Em menos de um mês, quatro jogadores formados ou desenvolvidos nas categorias de base do Flamengo deixaram o Rio de Janeiro com o mesmo destino: Portugal.
Rayan Lucas foi para o Alverca. Alan Santos acertou com o Benfica. Kaio Nóbrega seguiu para o Estoril. E Guilherme Gomes foi negociado com o Gil Vicente.
Os negócios são diferentes entre si, mas existe um elemento que se repete e chama atenção: o Flamengo, em vez de simplesmente vender os jogadores e encerrar completamente a relação econômica com eles, optou por manter percentuais relevantes dos direitos econômicos em praticamente todas as operações.
É um movimento que pode indicar uma estratégia mais clara do clube para jovens que já chegaram ao limite da formação, mas ainda não encontraram espaço consistente no elenco profissional.
Portugal, nesse cenário, começa a aparecer não apenas como mercado comprador, mas como uma espécie de segunda etapa de desenvolvimento e valorização para atletas da base rubro-negra.
Quatro saídas em poucas semanas
O primeiro movimento recente foi o de Rayan Lucas.
O volante de 21 anos acertou com o Alverca no início de agosto. O Flamengo não recebeu compensação financeira imediata, mas manteve 50% dos direitos econômicos do jogador.
Rayan já havia passado anteriormente pelo Sporting, onde atuou principalmente pela equipe B, e retornou ao Flamengo sem conseguir espaço definitivo no elenco principal.
Poucos dias depois, foi a vez de Alan Santos.
O atacante de 19 anos foi negociado em definitivo com o Benfica. Também não houve pagamento imediato ao Flamengo, mas o clube permaneceu com 50% dos direitos econômicos do atleta, apostando em uma futura valorização.
Na sequência, Kaio Nóbrega também deixou o clube.
O volante de 19 anos acertou em definitivo com o Estoril. O Flamengo permaneceu com 30% dos direitos econômicos, sem receber valor imediato na transferência.
Por fim, Guilherme Gomes foi negociado com o Gil Vicente.
Nesse caso, houve retorno financeiro imediato: € 400 mil por 70% dos direitos econômicos. O clube português ainda terá a possibilidade de adquirir mais 15% por € 100 mil.
O padrão começa a aparecer
Quando quatro jogadores deixam a mesma base em poucas semanas e seguem para o mesmo país, dificilmente se trata apenas de coincidência.
Os casos mostram um padrão de atuação.
O Flamengo identifica jogadores que têm potencial, mas encontram dificuldade para conquistar espaço no profissional. Em vez de simplesmente liberá-los por completo ou mantê-los sem perspectiva, negocia a saída e preserva participação econômica.
A lógica é simples.
Se o jogador se valoriza em Portugal e depois é vendido para um mercado maior, o Flamengo ainda participa da operação.
Em alguns casos, o clube prefere abrir mão de receita imediata em troca de um percentual maior no futuro.
É uma estratégia de risco.
Mas também pode ser extremamente lucrativa quando funciona.
Portugal é um mercado especialmente interessante
Para o jogador brasileiro, Portugal possui características que facilitam a transição.
O idioma reduz a barreira de adaptação.
O futebol português serve como porta de entrada para a Europa.
E, principalmente, os clubes do país possuem longa tradição de desenvolver jogadores jovens e revendê-los para mercados financeiramente mais fortes.

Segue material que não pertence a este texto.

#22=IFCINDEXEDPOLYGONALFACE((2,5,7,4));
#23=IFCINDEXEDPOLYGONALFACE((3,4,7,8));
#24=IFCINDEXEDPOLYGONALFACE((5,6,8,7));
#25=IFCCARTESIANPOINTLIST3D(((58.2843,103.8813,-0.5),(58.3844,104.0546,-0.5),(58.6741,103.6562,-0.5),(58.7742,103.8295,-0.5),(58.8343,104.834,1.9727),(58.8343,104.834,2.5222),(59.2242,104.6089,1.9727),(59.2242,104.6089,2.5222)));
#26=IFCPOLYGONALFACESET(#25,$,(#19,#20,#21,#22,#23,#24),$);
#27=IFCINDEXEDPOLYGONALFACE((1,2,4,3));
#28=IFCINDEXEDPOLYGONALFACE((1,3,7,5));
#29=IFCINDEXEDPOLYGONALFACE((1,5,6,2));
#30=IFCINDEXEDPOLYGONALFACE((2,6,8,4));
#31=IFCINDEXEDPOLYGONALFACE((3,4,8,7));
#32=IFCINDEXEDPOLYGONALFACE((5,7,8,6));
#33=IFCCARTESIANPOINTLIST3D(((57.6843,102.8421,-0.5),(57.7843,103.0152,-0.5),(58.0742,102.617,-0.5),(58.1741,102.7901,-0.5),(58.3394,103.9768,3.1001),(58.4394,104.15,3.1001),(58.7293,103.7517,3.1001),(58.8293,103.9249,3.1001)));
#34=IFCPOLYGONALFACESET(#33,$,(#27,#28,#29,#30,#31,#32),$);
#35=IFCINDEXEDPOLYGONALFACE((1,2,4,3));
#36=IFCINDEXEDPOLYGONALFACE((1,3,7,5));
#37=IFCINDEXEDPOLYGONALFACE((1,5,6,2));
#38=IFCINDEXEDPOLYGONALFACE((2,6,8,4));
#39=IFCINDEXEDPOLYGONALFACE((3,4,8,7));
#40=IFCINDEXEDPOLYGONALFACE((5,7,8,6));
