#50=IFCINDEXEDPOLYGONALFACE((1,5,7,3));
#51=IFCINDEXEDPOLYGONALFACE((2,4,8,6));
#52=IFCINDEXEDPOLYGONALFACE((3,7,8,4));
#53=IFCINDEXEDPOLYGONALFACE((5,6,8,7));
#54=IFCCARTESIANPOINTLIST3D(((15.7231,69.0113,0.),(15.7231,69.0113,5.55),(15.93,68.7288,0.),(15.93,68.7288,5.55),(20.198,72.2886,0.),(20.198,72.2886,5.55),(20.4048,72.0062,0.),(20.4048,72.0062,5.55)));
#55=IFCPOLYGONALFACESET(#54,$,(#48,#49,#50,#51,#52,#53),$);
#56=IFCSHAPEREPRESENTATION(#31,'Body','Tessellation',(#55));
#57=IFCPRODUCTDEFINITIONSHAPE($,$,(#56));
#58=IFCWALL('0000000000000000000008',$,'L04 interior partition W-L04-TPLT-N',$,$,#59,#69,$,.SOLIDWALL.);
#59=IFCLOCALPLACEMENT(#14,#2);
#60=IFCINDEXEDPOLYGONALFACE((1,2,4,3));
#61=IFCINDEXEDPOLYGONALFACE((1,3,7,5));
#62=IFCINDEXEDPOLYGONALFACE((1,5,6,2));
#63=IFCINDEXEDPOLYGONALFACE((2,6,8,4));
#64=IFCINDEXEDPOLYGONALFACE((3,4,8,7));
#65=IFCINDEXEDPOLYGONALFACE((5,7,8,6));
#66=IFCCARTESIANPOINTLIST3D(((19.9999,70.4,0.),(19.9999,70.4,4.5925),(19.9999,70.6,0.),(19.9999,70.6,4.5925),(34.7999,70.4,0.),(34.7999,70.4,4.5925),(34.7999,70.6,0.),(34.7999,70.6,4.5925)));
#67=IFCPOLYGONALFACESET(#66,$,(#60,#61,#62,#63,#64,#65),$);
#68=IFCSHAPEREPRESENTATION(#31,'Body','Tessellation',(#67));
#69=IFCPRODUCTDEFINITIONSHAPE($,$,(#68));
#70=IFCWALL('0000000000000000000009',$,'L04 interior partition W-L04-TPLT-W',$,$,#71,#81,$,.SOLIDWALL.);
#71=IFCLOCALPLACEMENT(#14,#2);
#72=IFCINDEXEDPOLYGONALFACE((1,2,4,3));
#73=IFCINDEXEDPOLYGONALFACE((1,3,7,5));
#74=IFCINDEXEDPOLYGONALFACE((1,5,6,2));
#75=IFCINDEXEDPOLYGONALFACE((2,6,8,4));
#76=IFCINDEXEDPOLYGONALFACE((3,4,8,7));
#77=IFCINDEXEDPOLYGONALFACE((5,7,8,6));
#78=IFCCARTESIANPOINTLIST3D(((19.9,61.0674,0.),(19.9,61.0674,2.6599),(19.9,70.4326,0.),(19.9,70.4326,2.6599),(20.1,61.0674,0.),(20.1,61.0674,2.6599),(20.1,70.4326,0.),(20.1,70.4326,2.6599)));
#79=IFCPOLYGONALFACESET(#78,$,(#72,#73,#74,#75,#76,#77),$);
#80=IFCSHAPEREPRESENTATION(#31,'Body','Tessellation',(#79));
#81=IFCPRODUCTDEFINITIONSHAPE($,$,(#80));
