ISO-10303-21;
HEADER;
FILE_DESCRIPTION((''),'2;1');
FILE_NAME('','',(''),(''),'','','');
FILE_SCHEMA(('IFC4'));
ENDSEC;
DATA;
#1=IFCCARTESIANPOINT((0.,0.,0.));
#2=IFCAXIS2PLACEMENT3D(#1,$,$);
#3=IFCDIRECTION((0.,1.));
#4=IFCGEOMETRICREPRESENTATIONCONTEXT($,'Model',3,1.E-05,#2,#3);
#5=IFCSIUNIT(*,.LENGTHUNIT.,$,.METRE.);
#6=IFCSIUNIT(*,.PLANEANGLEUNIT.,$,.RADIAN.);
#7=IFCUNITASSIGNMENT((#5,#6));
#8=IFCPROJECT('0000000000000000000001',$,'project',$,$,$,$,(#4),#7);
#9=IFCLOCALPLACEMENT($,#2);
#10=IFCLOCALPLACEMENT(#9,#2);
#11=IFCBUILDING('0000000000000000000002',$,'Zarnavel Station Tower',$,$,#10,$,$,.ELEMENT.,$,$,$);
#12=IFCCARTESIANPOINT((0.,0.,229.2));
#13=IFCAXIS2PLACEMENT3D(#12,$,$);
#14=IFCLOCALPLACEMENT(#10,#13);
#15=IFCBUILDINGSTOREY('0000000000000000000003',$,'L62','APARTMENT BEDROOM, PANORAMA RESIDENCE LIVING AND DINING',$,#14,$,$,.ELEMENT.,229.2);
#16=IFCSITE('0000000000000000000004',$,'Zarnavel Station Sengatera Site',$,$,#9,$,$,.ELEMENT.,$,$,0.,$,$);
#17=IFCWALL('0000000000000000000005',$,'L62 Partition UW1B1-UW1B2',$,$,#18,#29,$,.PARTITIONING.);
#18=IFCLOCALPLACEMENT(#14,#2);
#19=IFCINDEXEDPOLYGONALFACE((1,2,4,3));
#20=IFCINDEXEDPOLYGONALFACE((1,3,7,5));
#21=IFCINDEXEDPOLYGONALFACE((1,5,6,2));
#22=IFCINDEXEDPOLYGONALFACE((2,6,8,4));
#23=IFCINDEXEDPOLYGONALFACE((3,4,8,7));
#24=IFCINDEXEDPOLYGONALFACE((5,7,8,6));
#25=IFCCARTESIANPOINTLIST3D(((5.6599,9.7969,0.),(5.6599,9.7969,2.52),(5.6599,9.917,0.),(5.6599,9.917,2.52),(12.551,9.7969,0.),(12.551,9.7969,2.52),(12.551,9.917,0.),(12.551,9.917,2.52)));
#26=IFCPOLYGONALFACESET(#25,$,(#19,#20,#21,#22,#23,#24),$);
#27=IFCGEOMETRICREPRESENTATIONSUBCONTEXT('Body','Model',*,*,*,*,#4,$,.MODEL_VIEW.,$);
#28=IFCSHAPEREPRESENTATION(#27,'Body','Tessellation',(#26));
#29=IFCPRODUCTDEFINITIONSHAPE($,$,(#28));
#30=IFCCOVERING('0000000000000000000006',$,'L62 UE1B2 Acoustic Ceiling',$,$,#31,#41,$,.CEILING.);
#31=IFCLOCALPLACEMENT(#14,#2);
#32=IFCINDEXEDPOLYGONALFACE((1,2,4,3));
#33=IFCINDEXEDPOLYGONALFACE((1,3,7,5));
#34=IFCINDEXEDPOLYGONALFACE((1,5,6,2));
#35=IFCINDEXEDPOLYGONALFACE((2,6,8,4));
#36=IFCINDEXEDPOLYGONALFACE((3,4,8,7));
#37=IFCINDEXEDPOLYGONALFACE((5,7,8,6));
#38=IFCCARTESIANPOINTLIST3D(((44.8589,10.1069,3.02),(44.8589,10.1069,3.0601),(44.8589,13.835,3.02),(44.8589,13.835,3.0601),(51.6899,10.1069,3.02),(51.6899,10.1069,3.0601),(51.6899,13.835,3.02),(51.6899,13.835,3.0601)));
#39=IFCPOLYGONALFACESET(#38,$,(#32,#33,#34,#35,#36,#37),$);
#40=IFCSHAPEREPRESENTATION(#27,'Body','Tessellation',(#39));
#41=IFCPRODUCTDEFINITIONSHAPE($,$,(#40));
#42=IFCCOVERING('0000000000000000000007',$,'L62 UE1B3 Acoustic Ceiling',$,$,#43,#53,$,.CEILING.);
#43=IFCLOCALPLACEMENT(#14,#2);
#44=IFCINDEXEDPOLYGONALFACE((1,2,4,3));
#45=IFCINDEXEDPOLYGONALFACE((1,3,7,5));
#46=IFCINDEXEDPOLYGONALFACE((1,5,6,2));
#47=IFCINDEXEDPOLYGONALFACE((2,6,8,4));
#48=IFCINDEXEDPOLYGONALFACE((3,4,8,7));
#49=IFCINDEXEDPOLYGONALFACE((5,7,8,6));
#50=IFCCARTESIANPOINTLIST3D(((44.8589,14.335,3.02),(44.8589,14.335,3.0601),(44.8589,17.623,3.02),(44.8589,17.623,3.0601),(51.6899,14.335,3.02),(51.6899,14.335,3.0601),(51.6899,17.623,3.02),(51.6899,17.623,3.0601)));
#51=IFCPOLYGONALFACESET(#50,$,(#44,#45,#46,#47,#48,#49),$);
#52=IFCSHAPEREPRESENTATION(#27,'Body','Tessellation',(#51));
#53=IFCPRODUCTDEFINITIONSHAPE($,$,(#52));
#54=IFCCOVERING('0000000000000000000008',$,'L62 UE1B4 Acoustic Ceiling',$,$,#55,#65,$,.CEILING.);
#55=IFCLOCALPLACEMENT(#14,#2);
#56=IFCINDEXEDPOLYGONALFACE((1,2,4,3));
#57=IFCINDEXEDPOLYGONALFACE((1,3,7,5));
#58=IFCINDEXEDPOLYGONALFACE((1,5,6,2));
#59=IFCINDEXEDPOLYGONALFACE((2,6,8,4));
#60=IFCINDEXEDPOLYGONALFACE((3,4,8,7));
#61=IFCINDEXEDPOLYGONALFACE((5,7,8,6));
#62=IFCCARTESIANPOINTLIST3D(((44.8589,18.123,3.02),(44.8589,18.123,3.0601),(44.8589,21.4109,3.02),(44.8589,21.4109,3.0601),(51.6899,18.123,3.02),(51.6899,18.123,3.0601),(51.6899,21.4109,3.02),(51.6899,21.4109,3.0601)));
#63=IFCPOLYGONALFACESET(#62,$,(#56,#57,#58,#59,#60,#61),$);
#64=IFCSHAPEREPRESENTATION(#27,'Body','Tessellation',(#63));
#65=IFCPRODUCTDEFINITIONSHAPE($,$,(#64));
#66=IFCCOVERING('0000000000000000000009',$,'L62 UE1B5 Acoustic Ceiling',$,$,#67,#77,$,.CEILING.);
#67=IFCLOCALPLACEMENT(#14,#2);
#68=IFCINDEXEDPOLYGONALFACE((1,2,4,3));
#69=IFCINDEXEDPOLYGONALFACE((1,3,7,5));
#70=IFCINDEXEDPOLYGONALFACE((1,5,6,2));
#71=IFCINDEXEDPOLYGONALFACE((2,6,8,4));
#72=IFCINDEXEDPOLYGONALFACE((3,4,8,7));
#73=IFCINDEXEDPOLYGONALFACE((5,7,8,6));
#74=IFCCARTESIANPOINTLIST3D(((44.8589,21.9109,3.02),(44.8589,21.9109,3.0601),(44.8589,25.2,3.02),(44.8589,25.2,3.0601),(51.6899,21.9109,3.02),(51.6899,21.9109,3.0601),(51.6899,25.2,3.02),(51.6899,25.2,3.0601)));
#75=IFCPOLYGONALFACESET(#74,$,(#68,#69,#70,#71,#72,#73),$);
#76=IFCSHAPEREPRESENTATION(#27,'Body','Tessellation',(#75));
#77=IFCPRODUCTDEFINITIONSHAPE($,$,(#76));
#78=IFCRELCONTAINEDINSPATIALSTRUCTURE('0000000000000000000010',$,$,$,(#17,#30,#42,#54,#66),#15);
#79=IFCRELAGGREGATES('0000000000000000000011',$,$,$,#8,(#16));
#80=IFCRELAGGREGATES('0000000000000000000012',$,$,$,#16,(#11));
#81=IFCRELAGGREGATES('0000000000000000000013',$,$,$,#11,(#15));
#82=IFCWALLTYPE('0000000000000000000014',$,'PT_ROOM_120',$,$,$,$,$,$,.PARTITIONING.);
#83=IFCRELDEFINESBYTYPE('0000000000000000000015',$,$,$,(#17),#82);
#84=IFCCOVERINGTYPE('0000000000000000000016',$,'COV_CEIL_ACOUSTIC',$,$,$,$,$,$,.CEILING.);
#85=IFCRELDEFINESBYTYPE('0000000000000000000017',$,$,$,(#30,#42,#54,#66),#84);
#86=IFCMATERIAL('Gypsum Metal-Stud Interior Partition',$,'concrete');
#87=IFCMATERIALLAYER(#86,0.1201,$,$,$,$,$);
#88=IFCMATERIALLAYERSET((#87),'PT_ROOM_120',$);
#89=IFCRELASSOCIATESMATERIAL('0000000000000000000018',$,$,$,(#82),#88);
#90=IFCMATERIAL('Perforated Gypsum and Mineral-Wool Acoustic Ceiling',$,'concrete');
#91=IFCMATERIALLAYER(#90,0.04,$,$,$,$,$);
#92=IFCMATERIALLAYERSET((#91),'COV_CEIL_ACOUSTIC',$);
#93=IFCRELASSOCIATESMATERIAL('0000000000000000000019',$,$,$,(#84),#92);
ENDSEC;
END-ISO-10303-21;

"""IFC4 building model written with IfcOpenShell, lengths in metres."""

from ifc_helpers import new_model, si_unit, direction, frame, frame_2d, origin, place, context, subcontext, project, spatial, polyline, rectangle, outline, extrude, material, layer, layer_set, type_object, element, save


model = new_model("IFC4")

# Units and contexts
model_context = context("Model", 3, precision=1e-05, world=origin(), true_north=direction((0.0, 1.0)))
body_context = subcontext(model_context, "Body", "Model", "MODEL_VIEW")
ifc_project = project(units=[si_unit("LENGTHUNIT", "METRE"), si_unit("PLANEANGLEUNIT", "RADIAN")], contexts=[model_context])

# Site, building, storey
site_placement = place(None, origin())
site = spatial("IfcSite", under=ifc_project, at=site_placement, Name="Zarnavel Station Sengatera Site", CompositionType="ELEMENT", RefElevation=0.0)
building_placement = place(site_placement, origin())
building = spatial("IfcBuilding", under=site, at=building_placement, Name="Zarnavel Station Tower", CompositionType="ELEMENT")
storey_placement = place(building_placement, frame((0.0, 0.0, 229.2)))
storey = spatial("IfcBuildingStorey", under=building, at=storey_placement, Name="L62", Description="APARTMENT BEDROOM, PANORAMA RESIDENCE LIVING AND DINING", CompositionType="ELEMENT", Elevation=229.2)

# Wall
ifc_material_1 = material(Name="Gypsum Metal-Stud Interior Partition", Category="concrete")
ifc_layer_1 = layer(ifc_material_1, 0.1201)
ifc_layer_set_1 = layer_set([ifc_layer_1], Name="PT_ROOM_120")
wall_type_1 = type_object("IfcWallType", Name="PT_ROOM_120", PredefinedType="PARTITIONING", material=ifc_layer_set_1)
wall_1_placement = place(storey_placement, frame((5.6599, 9.8569, 0.0), z_axis=(0.0, 0.0, 1.0), x_axis=(1.0, 0.0, 0.0)))
element("IfcWall", 1, at=wall_1_placement, inside=storey, type_object=wall_type_1, Name="L62 Partition UW1B1-UW1B2", PredefinedType="PARTITIONING", context=body_context, shape_type="SweptSolid", body=[
    extrude(rectangle(XDim=6.8911, YDim=0.1201, at=frame_2d((3.4456, 0.0))), origin(), (0.0, 0.0, 1.0), 2.52),
])

# Coverings
ifc_material_2 = material(Name="Perforated Gypsum and Mineral-Wool Acoustic Ceiling", Category="concrete")
ifc_layer_2 = layer(ifc_material_2, 0.04)
ifc_layer_set_2 = layer_set([ifc_layer_2], Name="COV_CEIL_ACOUSTIC")
covering_type = type_object("IfcCoveringType", Name="COV_CEIL_ACOUSTIC", PredefinedType="CEILING", material=ifc_layer_set_2)
covering_1_placement = place(storey_placement, frame((0.0, 0.0, 3.02)))
element("IfcCovering", 2, at=covering_1_placement, inside=storey, type_object=covering_type, Name="L62 UE1B2 Acoustic Ceiling", PredefinedType="CEILING", context=body_context, shape_type="SweptSolid", body=[
    extrude(outline(polyline([(44.8589, 10.1069), (51.6899, 10.1069), (51.6899, 13.835), (44.8589, 13.835), (44.8589, 10.1069)])), origin(), (0.0, 0.0, 1.0), 0.04),
])
covering_2_placement = place(storey_placement, frame((0.0, 0.0, 3.02)))
element("IfcCovering", 3, at=covering_2_placement, inside=storey, type_object=covering_type, Name="L62 UE1B3 Acoustic Ceiling", PredefinedType="CEILING", context=body_context, shape_type="SweptSolid", body=[
    extrude(outline(polyline([(44.8589, 14.335), (51.6899, 14.335), (51.6899, 17.623), (44.8589, 17.623), (44.8589, 14.335)])), origin(), (0.0, 0.0, 1.0), 0.04),
])
covering_3_placement = place(storey_placement, frame((0.0, 0.0, 3.02)))
element("IfcCovering", 4, at=covering_3_placement, inside=storey, type_object=covering_type, Name="L62 UE1B4 Acoustic Ceiling", PredefinedType="CEILING", context=body_context, shape_type="SweptSolid", body=[
    extrude(outline(polyline([(44.8589, 18.123), (51.6899, 18.123), (51.6899, 21.4109), (44.8589, 21.4109), (44.8589, 18.123)])), origin(), (0.0, 0.0, 1.0), 0.04),
])
covering_4_placement = place(storey_placement, frame((0.0, 0.0, 3.02)))
element("IfcCovering", 5, at=covering_4_placement, inside=storey, type_object=covering_type, Name="L62 UE1B5 Acoustic Ceiling", PredefinedType="CEILING", context=body_context, shape_type="SweptSolid", body=[
    extrude(outline(polyline([(44.8589, 21.9109), (51.6899, 21.9109), (51.6899, 25.2), (44.8589, 25.2), (44.8589, 21.9109)])), origin(), (0.0, 0.0, 1.0), 0.04),
])

save(model, "model.ifc")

Benfica, Porto, Sporting e vários clubes médios construíram durante anos modelos baseados justamente em captação, desenvolvimento e revenda.
Isso transforma Portugal em uma ponte natural entre o futebol brasileiro e mercados como Inglaterra, Espanha, França, Alemanha e Itália.
Para o Flamengo, manter percentuais nesses jogadores significa continuar acompanhando economicamente essa trajetória.
O caso de Guilherme mostra outra possibilidade
A negociação de Guilherme Gomes ajuda a mostrar uma versão diferente da estratégia.
Ao contrário das outras três operações, o Flamengo recebeu dinheiro imediatamente.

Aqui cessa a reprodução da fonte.